There will be a small management committee which meets every half year. Every partner will be represented by one senior scientist in the management committee and have one vote. The manager will prepare the agenda for the meeting, minute the results and decisions made and communicate them to all involved scientists. After the kick-off meeting with all involved staff which started defining user requirements and specification (see WP 1) a set of bilateral meetings will finish the detailed WP 1 definitions to efficiently develop the details of Work Packages 2, 4 and 5 in relation to WP 3 Storage and Evaluation. Thus all work packages will run in parallel from month 3 on. Yearly meeting of all partners and involved staff are planned, plus one mid-term review meeting.
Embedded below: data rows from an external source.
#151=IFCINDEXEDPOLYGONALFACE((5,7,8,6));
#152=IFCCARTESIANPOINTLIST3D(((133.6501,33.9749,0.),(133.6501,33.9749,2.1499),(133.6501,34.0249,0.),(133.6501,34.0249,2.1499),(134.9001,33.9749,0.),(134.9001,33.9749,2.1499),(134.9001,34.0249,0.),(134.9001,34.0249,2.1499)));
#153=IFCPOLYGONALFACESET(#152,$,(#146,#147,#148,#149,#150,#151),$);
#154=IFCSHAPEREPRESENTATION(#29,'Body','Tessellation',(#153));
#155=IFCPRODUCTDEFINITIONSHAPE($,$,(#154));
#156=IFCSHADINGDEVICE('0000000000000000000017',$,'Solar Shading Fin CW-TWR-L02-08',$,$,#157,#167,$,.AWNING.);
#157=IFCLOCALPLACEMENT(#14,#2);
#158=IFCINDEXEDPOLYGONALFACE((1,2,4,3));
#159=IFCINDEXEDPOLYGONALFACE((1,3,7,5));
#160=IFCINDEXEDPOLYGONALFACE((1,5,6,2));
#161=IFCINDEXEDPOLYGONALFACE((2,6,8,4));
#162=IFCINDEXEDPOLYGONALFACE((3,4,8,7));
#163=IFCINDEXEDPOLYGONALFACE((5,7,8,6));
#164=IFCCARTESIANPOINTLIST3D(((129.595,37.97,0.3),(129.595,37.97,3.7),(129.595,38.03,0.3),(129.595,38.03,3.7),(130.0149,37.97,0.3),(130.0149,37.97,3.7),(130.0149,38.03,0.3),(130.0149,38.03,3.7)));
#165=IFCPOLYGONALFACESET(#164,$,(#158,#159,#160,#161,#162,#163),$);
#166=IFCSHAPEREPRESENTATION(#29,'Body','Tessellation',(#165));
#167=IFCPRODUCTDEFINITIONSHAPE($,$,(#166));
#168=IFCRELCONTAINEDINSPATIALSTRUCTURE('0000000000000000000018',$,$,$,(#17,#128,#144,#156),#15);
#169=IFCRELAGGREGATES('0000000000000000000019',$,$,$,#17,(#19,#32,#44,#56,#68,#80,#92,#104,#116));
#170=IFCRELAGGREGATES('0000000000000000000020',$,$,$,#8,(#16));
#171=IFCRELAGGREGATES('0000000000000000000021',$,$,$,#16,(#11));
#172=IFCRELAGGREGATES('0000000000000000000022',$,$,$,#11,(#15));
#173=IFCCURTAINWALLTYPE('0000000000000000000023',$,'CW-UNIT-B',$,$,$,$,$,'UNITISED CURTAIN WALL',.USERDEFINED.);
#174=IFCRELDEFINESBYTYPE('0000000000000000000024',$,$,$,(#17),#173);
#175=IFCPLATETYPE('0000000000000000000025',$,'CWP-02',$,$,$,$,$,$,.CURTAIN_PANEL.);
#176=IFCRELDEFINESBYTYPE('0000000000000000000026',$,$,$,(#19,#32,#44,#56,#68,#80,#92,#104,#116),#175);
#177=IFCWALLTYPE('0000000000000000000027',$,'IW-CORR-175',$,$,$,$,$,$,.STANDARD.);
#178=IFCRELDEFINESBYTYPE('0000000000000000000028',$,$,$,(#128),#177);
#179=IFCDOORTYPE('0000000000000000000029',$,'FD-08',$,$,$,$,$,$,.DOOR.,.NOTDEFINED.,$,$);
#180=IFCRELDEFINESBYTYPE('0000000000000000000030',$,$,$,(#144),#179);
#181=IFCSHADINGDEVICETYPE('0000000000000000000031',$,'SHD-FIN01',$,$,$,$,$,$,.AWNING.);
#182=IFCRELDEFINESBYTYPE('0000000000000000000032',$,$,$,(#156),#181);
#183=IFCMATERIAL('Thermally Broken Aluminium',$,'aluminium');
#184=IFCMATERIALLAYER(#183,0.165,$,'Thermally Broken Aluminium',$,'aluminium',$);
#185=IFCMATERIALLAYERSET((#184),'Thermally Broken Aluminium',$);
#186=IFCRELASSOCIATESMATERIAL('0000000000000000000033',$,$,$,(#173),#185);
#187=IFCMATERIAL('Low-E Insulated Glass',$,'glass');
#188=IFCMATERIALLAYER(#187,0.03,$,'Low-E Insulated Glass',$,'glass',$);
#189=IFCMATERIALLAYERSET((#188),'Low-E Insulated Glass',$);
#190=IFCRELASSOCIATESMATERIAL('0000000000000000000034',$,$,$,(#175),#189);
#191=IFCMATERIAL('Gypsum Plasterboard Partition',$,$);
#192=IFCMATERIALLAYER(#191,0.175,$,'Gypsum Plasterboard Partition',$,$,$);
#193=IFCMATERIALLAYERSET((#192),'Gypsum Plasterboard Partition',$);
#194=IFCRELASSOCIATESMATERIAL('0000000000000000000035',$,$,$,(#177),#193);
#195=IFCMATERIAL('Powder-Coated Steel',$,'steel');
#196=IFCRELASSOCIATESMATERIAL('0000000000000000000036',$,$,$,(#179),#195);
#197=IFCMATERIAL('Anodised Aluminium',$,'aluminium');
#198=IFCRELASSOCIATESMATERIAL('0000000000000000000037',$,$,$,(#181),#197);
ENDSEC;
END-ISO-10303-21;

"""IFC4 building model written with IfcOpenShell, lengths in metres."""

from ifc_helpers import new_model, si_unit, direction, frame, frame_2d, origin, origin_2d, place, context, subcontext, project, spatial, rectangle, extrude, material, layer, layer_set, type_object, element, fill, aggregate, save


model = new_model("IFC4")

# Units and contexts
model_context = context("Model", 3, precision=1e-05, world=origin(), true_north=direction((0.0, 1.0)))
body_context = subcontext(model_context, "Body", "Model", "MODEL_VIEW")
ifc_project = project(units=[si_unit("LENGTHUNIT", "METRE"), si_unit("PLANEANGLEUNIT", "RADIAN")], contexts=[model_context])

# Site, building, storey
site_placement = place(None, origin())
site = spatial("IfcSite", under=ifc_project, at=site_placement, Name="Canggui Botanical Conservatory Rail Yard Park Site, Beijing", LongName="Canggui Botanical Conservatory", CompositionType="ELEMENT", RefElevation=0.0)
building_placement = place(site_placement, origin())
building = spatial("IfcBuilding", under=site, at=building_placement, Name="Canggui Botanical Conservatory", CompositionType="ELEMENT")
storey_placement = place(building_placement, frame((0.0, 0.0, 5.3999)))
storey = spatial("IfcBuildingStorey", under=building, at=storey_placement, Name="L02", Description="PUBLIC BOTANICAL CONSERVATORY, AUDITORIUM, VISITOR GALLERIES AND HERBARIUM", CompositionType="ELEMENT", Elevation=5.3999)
As the MPIMM is a member of two Networks of Excellence, “Marine Biodiversity” and “Marine Genomics”, in-depth contacts to two related communities of marine biologists and molecular ecologists are available to easily access test users. Furthermore these networks will expand existing databases on marine environmental and biodiversity information which in return can be put to good use by METAFUNCTIONS. Finally, access to unpublished data is important for the full success of METAFUNCTIONS. For this a major source will be the emerging NoE knowledge, which, due to the trust and integration developing in these Networks of Excellence, can be used by the three overlapping communities for mutual benefit.